A la luz de esto, cuando los cristianos decimos «venga a nosotros tu reino», lo que pedimos es una presencia mayor de la riqueza de Cristo entre los hombres, en su vida, en su convivencia social, en las estructuras, en el mundo en que habitan; y una presencia que sea aceptada por los hombres, ya que sólo así podrá desarrollar toda su eficacia. En una palabra, que la alianza entre Dios y los hombres vaya convirtiéndose en esa comunión total de vida y de amor, que es el término previsto por Dios.

«Hágase tu voluntad en la tierra como en el cielo»

Jesús dijo: «Mi alimento es hacer la voluntad del que me ha enviado y llevar a cabo su obra» (Jn 4,34). Con esta tercera petición, Jesús quiere, pues, que sus discípulos adoptemos su misma opción fundamental y que dé sentido a toda nuestra vida.

Pero, al formularla como oración al Padre, Jesús plantea la cuestión como un compromiso para Dios y para nosotros. Por una parte, nos hace pedir a Dios que realice plenamente en nosotros su designio amoroso.
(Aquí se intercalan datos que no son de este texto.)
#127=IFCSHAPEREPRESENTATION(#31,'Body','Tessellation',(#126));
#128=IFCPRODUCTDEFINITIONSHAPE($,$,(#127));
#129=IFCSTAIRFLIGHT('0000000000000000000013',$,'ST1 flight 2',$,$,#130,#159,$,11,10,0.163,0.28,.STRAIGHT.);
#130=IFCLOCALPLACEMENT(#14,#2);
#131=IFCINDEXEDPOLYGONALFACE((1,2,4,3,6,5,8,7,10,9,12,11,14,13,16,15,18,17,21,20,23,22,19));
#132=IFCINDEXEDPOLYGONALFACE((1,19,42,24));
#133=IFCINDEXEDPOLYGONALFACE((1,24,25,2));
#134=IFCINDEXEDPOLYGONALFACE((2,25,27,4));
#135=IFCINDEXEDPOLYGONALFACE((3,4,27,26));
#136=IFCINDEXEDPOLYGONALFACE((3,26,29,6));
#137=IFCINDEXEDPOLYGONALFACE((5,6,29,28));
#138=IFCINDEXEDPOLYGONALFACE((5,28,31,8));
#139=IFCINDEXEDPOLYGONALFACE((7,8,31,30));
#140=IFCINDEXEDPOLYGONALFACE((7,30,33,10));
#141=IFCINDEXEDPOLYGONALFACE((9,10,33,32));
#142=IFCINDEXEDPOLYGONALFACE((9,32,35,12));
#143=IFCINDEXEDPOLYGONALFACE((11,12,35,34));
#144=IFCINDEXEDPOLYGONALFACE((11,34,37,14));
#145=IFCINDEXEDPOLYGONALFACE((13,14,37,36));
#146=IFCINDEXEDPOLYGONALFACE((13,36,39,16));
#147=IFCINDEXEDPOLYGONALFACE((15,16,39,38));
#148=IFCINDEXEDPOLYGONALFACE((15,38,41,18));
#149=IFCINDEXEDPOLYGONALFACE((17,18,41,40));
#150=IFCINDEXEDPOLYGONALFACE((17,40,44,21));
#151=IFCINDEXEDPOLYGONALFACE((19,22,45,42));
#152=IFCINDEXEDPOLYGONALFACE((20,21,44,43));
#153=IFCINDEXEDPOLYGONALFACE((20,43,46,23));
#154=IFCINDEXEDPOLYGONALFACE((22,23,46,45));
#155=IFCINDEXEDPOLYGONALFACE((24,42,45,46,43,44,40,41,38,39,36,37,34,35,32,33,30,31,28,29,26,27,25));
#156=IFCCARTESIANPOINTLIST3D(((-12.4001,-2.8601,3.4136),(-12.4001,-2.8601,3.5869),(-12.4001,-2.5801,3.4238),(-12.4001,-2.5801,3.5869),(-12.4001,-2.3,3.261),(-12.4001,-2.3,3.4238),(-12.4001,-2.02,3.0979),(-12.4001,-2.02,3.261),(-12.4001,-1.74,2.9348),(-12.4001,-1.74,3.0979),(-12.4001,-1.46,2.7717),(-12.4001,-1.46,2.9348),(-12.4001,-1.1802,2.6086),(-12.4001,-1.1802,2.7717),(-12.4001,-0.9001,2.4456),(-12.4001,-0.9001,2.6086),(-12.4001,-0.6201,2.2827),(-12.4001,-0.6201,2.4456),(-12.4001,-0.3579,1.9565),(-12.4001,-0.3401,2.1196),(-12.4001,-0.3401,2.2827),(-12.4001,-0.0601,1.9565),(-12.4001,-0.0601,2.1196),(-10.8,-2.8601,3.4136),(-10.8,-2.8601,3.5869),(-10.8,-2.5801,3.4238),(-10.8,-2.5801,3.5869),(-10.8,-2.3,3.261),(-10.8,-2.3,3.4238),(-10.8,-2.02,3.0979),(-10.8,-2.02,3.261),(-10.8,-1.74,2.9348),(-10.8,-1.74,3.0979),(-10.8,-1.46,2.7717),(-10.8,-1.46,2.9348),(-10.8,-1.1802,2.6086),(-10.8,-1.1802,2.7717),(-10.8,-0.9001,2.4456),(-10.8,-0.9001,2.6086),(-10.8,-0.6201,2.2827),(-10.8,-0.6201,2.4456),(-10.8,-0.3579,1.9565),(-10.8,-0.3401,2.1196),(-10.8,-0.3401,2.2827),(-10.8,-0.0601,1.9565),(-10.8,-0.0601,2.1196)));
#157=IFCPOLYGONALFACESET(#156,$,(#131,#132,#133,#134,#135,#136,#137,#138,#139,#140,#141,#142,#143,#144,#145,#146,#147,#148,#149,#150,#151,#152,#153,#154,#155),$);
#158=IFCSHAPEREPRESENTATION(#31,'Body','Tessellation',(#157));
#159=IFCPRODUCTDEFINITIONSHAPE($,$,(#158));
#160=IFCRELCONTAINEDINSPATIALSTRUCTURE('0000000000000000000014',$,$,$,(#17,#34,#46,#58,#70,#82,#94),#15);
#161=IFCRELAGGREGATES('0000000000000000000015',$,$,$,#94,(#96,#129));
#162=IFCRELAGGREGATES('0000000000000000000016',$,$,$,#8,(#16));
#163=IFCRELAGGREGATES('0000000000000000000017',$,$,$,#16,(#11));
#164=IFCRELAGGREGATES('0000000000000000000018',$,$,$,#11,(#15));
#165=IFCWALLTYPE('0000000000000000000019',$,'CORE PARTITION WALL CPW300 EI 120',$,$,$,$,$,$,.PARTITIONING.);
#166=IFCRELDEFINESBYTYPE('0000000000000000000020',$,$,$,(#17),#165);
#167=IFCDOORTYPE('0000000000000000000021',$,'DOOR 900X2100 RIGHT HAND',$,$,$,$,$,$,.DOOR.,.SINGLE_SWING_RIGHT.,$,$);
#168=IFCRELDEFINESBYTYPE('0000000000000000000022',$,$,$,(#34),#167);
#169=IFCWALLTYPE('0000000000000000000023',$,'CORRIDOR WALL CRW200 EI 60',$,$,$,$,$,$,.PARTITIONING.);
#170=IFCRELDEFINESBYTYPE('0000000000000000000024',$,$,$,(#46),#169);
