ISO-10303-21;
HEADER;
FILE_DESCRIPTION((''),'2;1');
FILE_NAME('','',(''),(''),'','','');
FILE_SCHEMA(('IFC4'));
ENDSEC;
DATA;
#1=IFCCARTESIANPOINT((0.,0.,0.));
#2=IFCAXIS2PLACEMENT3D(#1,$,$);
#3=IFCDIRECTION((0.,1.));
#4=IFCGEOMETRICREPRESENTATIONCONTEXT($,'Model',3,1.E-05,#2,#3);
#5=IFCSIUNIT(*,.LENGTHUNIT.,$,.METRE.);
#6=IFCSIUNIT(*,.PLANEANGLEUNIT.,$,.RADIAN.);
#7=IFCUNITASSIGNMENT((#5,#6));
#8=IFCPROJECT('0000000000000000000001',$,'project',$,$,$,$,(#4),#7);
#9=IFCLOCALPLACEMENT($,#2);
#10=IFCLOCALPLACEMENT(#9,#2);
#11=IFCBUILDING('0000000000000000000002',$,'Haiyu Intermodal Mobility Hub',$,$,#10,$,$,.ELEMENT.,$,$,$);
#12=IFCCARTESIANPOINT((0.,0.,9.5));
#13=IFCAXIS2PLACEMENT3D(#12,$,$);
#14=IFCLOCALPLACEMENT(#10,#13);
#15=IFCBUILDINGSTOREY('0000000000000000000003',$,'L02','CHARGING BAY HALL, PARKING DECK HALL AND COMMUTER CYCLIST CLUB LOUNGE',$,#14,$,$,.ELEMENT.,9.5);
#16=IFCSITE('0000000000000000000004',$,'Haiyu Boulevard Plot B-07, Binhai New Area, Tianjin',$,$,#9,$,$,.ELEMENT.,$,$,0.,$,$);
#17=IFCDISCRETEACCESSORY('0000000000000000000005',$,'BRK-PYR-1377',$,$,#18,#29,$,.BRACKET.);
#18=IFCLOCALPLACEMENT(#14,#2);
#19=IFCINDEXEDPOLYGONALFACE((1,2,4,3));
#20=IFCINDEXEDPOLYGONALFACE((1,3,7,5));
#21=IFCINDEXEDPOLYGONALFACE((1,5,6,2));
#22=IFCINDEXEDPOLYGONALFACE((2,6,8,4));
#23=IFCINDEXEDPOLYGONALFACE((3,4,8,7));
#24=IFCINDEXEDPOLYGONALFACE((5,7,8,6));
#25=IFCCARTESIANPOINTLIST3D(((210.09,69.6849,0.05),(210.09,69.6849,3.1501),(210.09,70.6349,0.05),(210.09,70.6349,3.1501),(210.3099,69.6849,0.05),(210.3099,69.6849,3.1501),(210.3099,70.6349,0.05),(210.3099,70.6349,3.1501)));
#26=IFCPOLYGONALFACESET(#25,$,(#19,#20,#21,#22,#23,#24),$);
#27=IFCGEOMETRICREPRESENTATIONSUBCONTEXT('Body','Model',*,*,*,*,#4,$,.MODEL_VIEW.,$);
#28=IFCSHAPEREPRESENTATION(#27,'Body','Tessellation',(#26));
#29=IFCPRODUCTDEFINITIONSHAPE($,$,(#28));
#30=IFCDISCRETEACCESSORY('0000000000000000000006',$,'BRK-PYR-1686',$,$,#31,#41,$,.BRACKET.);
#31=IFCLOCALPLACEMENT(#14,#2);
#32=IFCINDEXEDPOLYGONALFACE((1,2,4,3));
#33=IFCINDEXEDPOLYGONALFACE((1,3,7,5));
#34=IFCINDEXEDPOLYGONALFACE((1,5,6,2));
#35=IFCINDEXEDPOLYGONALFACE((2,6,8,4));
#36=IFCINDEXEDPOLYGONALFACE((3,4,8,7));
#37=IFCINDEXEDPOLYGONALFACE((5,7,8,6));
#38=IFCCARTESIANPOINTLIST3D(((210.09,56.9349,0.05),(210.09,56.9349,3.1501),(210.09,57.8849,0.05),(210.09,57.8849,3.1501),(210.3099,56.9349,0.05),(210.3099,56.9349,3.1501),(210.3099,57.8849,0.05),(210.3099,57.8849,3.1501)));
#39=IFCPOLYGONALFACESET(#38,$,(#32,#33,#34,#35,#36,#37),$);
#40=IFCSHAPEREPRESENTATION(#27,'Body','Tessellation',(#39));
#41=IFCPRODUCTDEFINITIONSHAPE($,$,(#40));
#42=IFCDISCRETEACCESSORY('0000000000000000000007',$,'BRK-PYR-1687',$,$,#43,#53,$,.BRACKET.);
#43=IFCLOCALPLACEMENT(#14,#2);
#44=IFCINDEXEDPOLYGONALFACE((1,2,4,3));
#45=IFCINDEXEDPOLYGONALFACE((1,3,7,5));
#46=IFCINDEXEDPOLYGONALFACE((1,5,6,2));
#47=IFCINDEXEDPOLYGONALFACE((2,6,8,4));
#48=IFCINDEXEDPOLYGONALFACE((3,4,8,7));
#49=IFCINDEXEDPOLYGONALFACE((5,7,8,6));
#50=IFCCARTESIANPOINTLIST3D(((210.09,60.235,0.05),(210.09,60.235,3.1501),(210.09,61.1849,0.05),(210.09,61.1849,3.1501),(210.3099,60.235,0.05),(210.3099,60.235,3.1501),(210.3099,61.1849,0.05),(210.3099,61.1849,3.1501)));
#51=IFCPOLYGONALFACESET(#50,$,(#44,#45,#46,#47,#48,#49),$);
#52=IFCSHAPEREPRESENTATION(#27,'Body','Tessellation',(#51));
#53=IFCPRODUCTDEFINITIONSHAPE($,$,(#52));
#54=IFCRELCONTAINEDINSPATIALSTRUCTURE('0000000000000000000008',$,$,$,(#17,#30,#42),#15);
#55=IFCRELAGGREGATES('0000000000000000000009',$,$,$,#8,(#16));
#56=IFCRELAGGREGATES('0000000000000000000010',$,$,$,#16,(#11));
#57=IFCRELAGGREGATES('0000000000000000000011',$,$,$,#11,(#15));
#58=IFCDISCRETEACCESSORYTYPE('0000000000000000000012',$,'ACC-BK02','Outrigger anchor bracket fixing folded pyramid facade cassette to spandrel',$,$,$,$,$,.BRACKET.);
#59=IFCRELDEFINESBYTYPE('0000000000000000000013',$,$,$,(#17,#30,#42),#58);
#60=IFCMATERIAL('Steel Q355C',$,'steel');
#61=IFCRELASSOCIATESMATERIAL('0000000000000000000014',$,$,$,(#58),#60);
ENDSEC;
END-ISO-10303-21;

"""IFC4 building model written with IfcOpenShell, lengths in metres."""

from ifc_helpers import new_model, si_unit, direction, frame, origin, origin_2d, place, context, subcontext, project, spatial, rectangle, extrude, material, type_object, element, save


model = new_model("IFC4")

# Units and contexts
model_context = context("Model", 3, precision=1e-05, world=origin(), true_north=direction((0.0, 1.0)))
body_context = subcontext(model_context, "Body", "Model", "MODEL_VIEW")
ifc_project = project(units=[si_unit("LENGTHUNIT", "METRE"), si_unit("PLANEANGLEUNIT", "RADIAN")], contexts=[model_context])

# Site, building, storey
site_placement = place(None, origin())
site = spatial("IfcSite", under=ifc_project, at=site_placement, Name="Haiyu Boulevard Plot B-07, Binhai New Area, Tianjin", CompositionType="ELEMENT", RefElevation=0.0)
building_placement = place(site_placement, origin())
building = spatial("IfcBuilding", under=site, at=building_placement, Name="Haiyu Intermodal Mobility Hub", CompositionType="ELEMENT")
storey_placement = place(building_placement, frame((0.0, 0.0, 9.5)))
storey = spatial("IfcBuildingStorey", under=building, at=storey_placement, Name="L02", Description="CHARGING BAY HALL, PARKING DECK HALL AND COMMUTER CYCLIST CLUB LOUNGE", CompositionType="ELEMENT", Elevation=9.5)

# Shared definitions
ifc_material_1 = material(Name="Steel Q355C", Category="steel")

# Discrete accessories
discrete_accessory_type = type_object("IfcDiscreteAccessoryType", Name="ACC-BK02", Description="Outrigger anchor bracket fixing folded pyramid facade cassette to spandrel", PredefinedType="BRACKET", material=ifc_material_1)
for number, where, z_axis, x_axis, name in (
    (1, (210.2, 70.1599, 0.05), (0.0, 0.0, 1.0), (1.0, 0.0, 0.0), "BRK-PYR-1377"),
    (2, (210.2, 57.4099, 0.05), (0.0, 0.0, 1.0), (1.0, 0.0, 0.0), "BRK-PYR-1686"),
    (3, (210.2, 60.71, 0.05), (0.0, 0.0, 1.0), (1.0, 0.0, 0.0), "BRK-PYR-1687"),
):
    element("IfcDiscreteAccessory", number, at=place(storey_placement, frame(where, z_axis=z_axis, x_axis=x_axis)), inside=storey, type_object=discrete_accessory_type, Name=name, PredefinedType="BRACKET", context=body_context, shape_type="SweptSolid", body=[
        extrude(rectangle(XDim=0.22, YDim=0.95, at=origin_2d()), origin(), (0.0, 0.0, 1.0), 3.1001),
    ])

save(model, "model.ifc")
Y, por otra, nos compromete a nosotros a desear y hacer esa voluntad como nuestro bien supremo. Ahora bien, hacer la voluntad de Dios comporta una docilidad permanente respecto a todas las indicaciones que recibimos de él a través de su palabra, encarnada en Cristo e interpretada por el Espíritu, y a través de la historia de cada uno. De modo que, en cada momento de nuestra vida, le digamos al Padre como Jesús: «No sea lo que yo quiero, sino lo que quieres tú» (Mc 14,36).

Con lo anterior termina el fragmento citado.